Hot water vacuum extraction machines, or as sometimes mis-named "steam cleaners," have come into vogue for home use as a result of commercial exploitation of applicant's patented concepts exemplified by applicant's U.S. Pat. Nos. 3,896,521 and 3,911,524. In the machine illustrated and described in U.S. Pat. No. 4,122,579, the steam cleaner employs a dump bucket, and in addition a soap tank, both elements being mounted within the upper half of a two part molded housing functioning as an enclosure for the internal components of the vacuum machine. Water and detergent are placed normally in the soap tank and an immersion heater within that tank heats the detergent containing water to an elevated temperature.
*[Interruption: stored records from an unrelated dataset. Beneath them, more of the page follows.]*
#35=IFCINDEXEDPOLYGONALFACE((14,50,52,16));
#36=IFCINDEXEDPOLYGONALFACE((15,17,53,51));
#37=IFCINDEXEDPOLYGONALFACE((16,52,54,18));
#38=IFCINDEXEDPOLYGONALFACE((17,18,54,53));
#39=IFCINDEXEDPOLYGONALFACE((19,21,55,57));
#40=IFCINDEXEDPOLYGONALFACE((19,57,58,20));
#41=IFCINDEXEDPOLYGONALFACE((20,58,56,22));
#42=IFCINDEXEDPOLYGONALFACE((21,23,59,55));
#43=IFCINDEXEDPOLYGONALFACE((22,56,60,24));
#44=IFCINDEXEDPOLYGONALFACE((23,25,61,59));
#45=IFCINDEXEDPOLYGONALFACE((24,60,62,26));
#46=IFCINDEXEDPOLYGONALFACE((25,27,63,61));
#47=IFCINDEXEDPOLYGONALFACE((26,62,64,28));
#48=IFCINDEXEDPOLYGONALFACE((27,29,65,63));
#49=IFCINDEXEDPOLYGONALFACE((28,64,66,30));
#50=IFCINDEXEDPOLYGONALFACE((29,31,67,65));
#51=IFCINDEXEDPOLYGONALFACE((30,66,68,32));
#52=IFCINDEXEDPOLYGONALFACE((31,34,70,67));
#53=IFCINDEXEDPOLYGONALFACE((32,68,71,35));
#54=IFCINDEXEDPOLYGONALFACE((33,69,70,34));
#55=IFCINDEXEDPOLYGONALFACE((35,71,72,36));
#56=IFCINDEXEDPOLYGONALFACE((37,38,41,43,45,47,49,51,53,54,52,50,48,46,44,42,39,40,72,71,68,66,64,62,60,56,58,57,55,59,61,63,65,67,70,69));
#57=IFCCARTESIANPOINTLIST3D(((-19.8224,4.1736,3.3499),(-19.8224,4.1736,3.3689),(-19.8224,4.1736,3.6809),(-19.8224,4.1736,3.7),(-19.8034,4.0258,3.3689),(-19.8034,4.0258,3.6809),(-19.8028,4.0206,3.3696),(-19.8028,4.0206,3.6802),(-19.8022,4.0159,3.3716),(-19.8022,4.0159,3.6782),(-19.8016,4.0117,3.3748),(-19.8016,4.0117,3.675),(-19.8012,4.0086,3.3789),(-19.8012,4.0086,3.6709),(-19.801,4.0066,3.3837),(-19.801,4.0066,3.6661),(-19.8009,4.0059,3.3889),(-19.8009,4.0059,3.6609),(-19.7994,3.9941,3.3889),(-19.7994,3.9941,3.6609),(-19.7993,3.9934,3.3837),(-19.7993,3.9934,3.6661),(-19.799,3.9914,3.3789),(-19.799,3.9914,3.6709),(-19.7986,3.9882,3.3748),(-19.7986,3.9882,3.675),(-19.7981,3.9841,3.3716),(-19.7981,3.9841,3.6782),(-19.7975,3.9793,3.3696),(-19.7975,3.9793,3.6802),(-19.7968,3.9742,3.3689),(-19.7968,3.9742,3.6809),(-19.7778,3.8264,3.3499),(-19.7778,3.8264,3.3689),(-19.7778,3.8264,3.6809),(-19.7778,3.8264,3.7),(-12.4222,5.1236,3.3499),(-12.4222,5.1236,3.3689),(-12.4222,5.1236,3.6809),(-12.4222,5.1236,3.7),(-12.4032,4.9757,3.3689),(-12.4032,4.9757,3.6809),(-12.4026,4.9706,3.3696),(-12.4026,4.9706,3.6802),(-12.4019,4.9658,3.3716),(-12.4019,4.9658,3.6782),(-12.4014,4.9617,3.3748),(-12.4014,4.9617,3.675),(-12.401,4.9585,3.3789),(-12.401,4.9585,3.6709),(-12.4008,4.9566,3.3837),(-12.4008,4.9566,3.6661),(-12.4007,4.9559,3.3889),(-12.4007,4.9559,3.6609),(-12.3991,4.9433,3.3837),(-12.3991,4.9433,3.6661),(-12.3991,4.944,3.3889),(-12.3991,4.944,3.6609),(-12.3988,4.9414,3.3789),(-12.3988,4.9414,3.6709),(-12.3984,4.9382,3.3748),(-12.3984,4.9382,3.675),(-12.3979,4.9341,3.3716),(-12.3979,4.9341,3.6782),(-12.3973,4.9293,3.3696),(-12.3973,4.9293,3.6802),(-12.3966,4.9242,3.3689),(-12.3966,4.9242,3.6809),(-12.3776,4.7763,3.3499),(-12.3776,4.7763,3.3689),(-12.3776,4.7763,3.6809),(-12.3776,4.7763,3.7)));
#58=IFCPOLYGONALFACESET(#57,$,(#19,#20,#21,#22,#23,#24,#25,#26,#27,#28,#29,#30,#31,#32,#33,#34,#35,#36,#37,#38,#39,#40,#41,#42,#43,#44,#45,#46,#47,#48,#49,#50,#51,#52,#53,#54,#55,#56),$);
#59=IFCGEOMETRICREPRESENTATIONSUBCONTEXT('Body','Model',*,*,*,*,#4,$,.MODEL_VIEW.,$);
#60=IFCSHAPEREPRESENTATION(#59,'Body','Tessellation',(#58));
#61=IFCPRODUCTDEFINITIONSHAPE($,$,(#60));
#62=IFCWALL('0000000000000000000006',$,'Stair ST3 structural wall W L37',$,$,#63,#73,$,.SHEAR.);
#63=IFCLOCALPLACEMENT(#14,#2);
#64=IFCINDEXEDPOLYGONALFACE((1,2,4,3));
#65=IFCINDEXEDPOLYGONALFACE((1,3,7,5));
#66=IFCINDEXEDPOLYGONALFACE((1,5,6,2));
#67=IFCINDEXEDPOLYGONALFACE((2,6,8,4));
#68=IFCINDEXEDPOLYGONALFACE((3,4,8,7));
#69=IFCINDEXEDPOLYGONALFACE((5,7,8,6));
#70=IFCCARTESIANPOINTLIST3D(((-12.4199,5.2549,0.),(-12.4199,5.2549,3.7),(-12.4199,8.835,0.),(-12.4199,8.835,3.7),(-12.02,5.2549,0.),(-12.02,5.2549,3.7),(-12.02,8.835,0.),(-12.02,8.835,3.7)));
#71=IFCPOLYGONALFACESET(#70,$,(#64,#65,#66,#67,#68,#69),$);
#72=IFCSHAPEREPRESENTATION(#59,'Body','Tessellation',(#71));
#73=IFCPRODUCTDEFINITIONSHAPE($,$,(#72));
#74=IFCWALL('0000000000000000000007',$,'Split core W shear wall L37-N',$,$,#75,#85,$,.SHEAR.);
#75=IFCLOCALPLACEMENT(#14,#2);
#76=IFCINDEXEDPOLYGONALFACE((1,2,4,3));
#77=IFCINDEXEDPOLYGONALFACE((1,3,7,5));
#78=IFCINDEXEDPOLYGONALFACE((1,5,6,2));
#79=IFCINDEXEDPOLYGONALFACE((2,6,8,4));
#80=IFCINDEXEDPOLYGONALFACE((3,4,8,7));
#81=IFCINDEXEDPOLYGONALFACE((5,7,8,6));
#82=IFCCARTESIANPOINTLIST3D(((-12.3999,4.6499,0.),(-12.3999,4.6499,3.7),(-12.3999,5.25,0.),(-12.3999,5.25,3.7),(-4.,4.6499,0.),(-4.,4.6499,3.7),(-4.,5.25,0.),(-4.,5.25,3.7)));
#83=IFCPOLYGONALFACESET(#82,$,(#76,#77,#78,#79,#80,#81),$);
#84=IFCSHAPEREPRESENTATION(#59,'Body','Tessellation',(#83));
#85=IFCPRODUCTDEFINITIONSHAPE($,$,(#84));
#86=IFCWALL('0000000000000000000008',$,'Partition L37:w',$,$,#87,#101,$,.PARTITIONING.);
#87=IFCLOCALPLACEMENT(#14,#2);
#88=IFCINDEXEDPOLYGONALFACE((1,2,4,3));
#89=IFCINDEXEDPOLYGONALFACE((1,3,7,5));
Additionally, an internal water pump draws the detergent containing water from an outlet at the soap tank and forces it through a flexible tube or hose to an atomizer nozzle on a wand supported head, whereby a stream of hot detergent containing water issues from the nozzle in mist form, sometimes inaccurately referred to as "steam." The machine is normally employed in the wet cleaning of rugs with the detergent containing water and entrained dirt from the rug picked up by a vacuum head mounted to the end of the wand and returned to the machine carried dump bucket. This is achieved by use of an internal vacuum pump which communicates with the interior of the dump bucket via a hollow riser tube, creating a vacuum pressure within the interior of the dump bucket and external air rushing through the vacuum wand draws the detergent containing water and the entrained dirt into the interior of the dump bucket 12 where it accumulates. The air is separated from the water and entrained dirt within the dump bucket interior, the air passing through the riser tube by way of the induced suction due to vacuum pump operation with the air discharging through an air discharge pipe leading from the vacuum pump assembly casing and through the bottom of the lower half of the steam cleaner housing.
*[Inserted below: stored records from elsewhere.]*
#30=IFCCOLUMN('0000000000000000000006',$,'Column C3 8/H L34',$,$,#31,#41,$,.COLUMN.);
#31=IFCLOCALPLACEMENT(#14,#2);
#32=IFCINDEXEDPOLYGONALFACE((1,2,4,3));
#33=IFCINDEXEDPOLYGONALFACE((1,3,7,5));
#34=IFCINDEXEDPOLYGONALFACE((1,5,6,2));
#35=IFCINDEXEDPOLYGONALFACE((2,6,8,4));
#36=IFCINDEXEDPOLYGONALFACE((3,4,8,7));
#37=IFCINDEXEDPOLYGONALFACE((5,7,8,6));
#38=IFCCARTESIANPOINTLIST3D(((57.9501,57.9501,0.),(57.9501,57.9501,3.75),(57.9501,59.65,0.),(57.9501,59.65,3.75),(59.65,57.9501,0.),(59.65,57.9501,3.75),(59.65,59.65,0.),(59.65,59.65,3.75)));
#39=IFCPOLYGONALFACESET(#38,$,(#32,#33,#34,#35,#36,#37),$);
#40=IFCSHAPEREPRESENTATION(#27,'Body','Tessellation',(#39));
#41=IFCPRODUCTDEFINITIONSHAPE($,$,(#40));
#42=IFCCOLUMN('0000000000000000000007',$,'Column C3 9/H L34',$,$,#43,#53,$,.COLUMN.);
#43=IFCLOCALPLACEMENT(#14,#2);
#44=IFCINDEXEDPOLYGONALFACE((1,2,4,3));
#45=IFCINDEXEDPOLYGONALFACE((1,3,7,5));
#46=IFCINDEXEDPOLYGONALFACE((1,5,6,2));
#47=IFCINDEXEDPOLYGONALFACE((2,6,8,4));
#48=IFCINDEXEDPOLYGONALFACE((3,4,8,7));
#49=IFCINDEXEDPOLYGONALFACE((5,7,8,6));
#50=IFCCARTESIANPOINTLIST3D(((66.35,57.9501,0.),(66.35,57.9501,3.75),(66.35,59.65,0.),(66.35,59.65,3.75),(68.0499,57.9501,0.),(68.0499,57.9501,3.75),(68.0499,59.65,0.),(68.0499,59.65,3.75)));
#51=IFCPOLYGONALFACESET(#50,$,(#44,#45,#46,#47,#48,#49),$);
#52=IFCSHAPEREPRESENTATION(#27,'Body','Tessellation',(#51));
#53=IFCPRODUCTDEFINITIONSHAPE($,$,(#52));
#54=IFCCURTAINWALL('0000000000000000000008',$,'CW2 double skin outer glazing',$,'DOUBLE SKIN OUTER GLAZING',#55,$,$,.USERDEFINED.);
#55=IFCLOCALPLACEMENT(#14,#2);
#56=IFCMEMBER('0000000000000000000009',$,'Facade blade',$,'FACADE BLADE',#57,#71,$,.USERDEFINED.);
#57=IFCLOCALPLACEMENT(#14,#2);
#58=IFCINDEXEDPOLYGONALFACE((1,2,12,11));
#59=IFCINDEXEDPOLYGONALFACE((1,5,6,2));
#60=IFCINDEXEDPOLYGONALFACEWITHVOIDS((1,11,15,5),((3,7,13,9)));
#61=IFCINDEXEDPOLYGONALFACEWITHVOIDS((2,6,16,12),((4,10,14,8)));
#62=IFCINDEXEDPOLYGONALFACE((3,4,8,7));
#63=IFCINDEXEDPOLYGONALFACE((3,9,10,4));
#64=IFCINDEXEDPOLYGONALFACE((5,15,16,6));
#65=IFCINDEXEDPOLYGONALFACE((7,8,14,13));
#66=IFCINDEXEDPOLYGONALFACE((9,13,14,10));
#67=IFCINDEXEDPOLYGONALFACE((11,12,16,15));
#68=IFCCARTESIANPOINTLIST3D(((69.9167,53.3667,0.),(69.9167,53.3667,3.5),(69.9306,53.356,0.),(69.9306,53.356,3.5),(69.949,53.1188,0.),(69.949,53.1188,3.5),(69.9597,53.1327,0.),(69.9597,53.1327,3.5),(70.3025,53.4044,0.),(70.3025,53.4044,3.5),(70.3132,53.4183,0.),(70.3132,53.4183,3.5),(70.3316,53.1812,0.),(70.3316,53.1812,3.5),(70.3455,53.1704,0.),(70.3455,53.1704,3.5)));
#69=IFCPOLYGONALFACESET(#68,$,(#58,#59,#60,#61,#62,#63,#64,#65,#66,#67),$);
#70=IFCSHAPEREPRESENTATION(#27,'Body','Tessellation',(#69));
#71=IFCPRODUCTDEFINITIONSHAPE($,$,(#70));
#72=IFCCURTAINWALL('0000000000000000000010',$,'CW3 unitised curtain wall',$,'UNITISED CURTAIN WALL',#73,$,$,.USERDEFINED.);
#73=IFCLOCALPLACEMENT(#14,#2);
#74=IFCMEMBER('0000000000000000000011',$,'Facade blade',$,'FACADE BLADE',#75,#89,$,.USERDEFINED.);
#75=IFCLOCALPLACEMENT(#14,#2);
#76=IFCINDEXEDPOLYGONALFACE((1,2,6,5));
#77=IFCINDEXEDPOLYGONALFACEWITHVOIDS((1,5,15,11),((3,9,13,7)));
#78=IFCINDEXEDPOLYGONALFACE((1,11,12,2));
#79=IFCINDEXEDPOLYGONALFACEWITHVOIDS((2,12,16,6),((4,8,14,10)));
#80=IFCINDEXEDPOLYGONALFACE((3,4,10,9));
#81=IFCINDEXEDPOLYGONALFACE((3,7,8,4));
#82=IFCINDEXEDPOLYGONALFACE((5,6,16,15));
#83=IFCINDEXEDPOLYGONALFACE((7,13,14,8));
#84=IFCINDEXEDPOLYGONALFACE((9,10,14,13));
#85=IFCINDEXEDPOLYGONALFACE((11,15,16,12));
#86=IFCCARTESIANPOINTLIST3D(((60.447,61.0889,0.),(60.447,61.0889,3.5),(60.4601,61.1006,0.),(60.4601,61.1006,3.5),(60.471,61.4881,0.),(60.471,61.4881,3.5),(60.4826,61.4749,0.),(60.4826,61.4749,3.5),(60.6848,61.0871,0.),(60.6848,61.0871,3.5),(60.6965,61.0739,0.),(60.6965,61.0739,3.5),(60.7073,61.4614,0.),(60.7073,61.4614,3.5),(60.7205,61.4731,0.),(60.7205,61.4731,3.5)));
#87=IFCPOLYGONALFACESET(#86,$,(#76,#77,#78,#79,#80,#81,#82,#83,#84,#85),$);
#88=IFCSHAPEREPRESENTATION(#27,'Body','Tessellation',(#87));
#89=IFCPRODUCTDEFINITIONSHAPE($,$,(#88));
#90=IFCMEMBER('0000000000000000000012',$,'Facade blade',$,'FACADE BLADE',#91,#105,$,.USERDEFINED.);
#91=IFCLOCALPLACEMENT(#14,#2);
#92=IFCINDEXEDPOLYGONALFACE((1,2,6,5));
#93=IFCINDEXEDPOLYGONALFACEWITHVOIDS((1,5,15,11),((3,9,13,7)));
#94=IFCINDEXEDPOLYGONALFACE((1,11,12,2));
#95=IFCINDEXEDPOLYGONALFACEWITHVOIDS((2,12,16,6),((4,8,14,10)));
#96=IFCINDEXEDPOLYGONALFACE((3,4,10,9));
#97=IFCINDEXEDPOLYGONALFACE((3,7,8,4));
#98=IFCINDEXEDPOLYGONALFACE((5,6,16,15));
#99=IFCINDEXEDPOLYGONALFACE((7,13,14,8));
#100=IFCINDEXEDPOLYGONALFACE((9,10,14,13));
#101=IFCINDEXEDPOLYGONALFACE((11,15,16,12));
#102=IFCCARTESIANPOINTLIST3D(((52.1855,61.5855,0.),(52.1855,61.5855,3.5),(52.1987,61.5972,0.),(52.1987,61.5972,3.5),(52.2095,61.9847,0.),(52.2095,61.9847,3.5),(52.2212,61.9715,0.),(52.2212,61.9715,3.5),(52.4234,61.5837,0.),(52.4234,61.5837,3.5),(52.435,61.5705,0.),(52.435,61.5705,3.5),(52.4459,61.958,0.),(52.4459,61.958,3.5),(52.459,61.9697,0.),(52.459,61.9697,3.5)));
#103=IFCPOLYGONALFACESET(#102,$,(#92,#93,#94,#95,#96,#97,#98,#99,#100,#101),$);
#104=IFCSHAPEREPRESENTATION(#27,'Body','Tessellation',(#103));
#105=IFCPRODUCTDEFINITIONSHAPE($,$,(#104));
Necessarily, in order to prevent the electric motor driving the vacuum pump within the vacuum pump assembly casing from burning out or overheating, there is a requirement to cool the motor windings. This has been accomplished in the past by mounting the vacuum pump assembly such that its lower end projects through or is flush with an opening of similar diameter formed within the bottom wall of the steam cleaner housing lower half. Further, the lower end of the cylindrical vacuum pump assembly casing bears openings permitting air to be sucked up from beneath the machine and forced over the motor windings by means of a fan fixed to the lower end of the motor shaft and rotatable therewith. The motor rotates in a direction such that the air is sucked into the interior of the vacuum pump assembly casing through its lower end and the cooling air is forcibly discharged through a series of perforations or openings within the cylindrical sidewall of the vacuum pump assembly casing. The air enters the interior of the machine housing, and passes exteriorly of the unit through openings within the side of either the upper or lower housing halves.
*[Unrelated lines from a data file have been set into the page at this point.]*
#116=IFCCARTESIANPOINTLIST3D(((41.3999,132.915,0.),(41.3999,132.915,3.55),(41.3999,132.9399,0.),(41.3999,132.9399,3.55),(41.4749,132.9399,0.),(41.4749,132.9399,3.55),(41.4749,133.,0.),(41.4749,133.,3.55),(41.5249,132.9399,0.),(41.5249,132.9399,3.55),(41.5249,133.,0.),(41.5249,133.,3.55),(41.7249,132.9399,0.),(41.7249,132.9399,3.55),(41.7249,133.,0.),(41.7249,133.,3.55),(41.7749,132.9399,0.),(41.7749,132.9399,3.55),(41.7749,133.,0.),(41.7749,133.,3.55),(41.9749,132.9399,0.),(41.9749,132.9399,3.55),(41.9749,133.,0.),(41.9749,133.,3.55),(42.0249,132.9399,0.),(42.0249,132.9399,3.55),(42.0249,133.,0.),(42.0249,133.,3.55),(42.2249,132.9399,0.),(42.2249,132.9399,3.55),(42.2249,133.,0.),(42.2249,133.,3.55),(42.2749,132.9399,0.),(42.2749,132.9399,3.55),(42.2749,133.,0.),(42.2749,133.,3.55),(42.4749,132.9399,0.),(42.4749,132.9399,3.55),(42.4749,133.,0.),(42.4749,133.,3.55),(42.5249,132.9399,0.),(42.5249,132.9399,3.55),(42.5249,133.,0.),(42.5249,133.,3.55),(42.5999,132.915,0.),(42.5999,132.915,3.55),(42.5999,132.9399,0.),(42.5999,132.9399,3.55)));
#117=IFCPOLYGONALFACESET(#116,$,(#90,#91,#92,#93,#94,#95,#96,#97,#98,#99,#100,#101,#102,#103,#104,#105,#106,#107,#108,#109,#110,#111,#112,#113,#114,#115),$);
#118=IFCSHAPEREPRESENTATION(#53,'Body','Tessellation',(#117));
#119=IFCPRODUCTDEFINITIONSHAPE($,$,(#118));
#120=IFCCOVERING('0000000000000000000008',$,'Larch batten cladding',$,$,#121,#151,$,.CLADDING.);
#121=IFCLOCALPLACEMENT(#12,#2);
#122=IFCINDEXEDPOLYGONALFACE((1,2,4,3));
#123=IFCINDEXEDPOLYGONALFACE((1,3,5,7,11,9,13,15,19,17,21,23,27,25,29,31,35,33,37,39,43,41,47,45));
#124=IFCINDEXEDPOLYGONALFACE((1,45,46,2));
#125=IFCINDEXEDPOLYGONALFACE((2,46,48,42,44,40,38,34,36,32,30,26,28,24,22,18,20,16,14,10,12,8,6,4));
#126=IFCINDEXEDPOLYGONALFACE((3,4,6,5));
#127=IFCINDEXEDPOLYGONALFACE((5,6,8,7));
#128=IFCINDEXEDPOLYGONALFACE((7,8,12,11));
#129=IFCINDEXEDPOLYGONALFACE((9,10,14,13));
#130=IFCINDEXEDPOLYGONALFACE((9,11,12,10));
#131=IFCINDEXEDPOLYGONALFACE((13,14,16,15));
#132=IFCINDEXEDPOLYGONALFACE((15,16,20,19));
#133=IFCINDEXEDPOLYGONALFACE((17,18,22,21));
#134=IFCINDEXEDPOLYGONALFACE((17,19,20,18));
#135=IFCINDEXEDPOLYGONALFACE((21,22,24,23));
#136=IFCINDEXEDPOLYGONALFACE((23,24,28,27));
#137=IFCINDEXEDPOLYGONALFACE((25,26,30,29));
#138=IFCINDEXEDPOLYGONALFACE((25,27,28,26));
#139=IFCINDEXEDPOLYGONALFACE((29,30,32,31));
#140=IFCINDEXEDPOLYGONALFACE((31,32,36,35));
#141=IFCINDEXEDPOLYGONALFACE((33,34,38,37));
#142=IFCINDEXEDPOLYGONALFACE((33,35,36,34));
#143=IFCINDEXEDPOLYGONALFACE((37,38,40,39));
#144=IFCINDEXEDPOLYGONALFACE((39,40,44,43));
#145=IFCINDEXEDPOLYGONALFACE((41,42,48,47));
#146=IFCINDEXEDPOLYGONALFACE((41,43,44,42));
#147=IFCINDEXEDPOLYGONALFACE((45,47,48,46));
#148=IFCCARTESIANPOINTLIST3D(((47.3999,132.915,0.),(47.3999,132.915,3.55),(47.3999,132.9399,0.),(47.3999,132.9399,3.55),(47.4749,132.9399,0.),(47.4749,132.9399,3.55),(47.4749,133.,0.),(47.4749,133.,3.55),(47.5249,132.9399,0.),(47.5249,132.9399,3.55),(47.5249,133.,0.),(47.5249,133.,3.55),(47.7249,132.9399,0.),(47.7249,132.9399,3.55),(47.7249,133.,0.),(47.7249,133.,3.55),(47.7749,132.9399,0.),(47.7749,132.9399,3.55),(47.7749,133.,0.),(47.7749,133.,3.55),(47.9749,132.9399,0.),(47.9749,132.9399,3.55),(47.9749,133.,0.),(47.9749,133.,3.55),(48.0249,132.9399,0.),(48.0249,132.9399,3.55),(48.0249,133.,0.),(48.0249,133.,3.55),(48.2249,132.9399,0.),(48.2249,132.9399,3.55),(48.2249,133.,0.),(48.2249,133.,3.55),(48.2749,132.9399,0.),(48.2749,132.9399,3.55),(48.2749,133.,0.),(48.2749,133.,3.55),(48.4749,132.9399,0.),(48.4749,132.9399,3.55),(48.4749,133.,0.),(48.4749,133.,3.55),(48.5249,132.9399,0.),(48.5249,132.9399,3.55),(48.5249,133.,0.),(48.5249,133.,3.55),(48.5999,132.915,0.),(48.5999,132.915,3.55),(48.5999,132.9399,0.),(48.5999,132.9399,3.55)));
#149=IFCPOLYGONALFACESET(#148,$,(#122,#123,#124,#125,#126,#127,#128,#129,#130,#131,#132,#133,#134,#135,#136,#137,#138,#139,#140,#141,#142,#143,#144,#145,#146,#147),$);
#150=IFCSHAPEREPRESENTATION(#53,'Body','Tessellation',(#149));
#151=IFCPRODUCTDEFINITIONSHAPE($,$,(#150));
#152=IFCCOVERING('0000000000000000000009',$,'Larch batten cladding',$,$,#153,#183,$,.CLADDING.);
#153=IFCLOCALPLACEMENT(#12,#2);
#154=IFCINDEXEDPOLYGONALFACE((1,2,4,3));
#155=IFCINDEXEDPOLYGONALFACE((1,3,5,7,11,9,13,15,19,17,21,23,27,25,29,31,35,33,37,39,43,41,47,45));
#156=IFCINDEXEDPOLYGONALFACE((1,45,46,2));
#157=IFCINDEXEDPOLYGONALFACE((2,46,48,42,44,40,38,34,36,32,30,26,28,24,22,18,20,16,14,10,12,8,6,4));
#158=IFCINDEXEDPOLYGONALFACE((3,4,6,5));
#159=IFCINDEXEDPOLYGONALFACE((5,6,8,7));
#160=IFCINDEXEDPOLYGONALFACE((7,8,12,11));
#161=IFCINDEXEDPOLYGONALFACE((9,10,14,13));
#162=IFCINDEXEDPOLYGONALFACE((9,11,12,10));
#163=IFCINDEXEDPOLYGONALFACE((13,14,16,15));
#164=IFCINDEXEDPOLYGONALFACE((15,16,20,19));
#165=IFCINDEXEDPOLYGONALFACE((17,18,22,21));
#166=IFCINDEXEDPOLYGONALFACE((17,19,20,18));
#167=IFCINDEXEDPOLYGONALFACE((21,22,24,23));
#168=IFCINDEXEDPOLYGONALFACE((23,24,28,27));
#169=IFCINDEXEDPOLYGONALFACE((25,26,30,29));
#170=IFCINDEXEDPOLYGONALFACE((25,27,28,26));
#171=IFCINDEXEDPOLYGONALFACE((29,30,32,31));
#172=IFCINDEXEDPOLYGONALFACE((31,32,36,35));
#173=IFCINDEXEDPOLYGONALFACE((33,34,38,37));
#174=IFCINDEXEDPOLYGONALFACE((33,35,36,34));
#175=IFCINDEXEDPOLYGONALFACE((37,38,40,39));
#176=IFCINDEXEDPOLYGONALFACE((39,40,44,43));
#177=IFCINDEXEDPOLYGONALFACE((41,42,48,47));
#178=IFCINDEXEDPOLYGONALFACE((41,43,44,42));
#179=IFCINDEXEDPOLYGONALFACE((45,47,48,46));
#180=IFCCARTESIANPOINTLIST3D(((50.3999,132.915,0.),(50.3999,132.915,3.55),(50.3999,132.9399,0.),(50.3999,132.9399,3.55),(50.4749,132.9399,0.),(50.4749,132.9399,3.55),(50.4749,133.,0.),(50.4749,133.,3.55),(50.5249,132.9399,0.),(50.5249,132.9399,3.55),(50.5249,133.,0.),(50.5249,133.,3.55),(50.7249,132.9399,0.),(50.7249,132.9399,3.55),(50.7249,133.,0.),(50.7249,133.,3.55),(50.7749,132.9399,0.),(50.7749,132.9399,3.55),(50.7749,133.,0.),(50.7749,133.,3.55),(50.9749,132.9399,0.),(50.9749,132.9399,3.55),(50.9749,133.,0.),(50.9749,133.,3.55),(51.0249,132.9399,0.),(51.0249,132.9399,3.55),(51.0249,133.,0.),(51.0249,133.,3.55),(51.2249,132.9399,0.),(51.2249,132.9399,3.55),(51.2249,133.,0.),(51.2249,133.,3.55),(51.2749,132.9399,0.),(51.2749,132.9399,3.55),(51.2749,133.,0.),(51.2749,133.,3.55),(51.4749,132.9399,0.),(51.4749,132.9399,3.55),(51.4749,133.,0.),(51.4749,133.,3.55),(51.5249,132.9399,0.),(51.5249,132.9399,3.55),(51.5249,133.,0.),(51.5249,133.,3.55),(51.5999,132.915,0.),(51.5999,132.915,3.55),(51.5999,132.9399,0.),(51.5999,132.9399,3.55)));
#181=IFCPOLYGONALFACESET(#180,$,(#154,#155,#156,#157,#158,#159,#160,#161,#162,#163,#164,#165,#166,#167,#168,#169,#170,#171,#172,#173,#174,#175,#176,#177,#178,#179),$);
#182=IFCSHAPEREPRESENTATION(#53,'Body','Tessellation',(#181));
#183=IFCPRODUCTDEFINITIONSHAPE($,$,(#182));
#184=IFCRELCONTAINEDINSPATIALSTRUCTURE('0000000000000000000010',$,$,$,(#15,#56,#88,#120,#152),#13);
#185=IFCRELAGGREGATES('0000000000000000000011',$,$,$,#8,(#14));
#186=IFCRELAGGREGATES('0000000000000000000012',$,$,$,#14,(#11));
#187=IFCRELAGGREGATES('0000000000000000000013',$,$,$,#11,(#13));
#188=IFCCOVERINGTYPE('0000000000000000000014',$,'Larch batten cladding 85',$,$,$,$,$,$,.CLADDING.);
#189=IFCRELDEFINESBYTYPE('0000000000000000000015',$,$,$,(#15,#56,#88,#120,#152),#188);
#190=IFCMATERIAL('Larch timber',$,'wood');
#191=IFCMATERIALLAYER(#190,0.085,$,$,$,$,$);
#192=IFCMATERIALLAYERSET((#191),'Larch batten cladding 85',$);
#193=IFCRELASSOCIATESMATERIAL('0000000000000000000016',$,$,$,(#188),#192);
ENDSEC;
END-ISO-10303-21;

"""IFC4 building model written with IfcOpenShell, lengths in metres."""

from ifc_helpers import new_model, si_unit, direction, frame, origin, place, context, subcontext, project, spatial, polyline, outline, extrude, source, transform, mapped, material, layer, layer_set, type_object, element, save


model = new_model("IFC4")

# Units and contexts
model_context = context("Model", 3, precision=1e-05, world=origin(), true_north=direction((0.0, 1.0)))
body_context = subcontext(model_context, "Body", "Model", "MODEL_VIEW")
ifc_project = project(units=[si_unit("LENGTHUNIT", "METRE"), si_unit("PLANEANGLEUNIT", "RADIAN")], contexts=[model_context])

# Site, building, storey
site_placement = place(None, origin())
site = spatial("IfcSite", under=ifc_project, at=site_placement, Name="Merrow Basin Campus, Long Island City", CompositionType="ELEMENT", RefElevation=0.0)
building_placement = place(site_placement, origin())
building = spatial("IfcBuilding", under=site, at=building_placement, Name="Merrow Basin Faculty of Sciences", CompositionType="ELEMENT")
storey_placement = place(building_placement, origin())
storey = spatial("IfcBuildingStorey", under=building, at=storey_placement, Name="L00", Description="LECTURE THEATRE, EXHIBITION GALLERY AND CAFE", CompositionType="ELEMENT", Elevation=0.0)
While the vacuum pump assembly provides some cooling to the motor windings and maintains the interior of the steam cleaner housing to an acceptable low temperature, there is a tendency, particularly where the unit operates on surfaces bearing an accumulation of water, for water to be drawn into the air inlet at the lower end of the vacuum pump assembly casing, resulting in damage to the motor winding and, under some circumstances, the rendering of the vacuum pump inoperable. Further, while the temperature to which the components of the steam cleaner were subjected is reduced by the cooling air flow within the housing itself as well as the cylindrical casing of the vacuum pump assembly, the electric motor has not operated at its most efficient temperature. Further, over time, there exists the possibility of deterioration of the components interior of the housing due to the relatively high temperature experienced by those components.
It is, therefore, a primary object of the present invention to provide an improved water vacuum extraction machine in which the electric drive motor for the vacuum pump, as well as all of the components within the interior of the machine housing, operate at substantially reduced temperature from prior known machines, and wherein the effectiveness of air flow through the motor is appreciably increased, thereby eliminating hot spots.
It is a further object of the present invention to provide an improved hot water vacuum extraction machine having a highly effective air cooling arrangement for a sealed, cylindrical vacuum pump assembly, and in which positive air flow functions during machine operation to effectively prevent water from entering the area of the motor winding of the vacuum pump.
It is a further object of the present invention to provide an improved reverse flow fan for a vacuum pump assembly employable within a hot water vacuum extraction machine, in which the cooling efficiency of the motor is enhanced, and wherein air turbulence in the area of the fan blading is reduced to reduce the recirculation of exhaust air and wherein smooth exiting of the exhaust air is accomplished with minimum back pressure.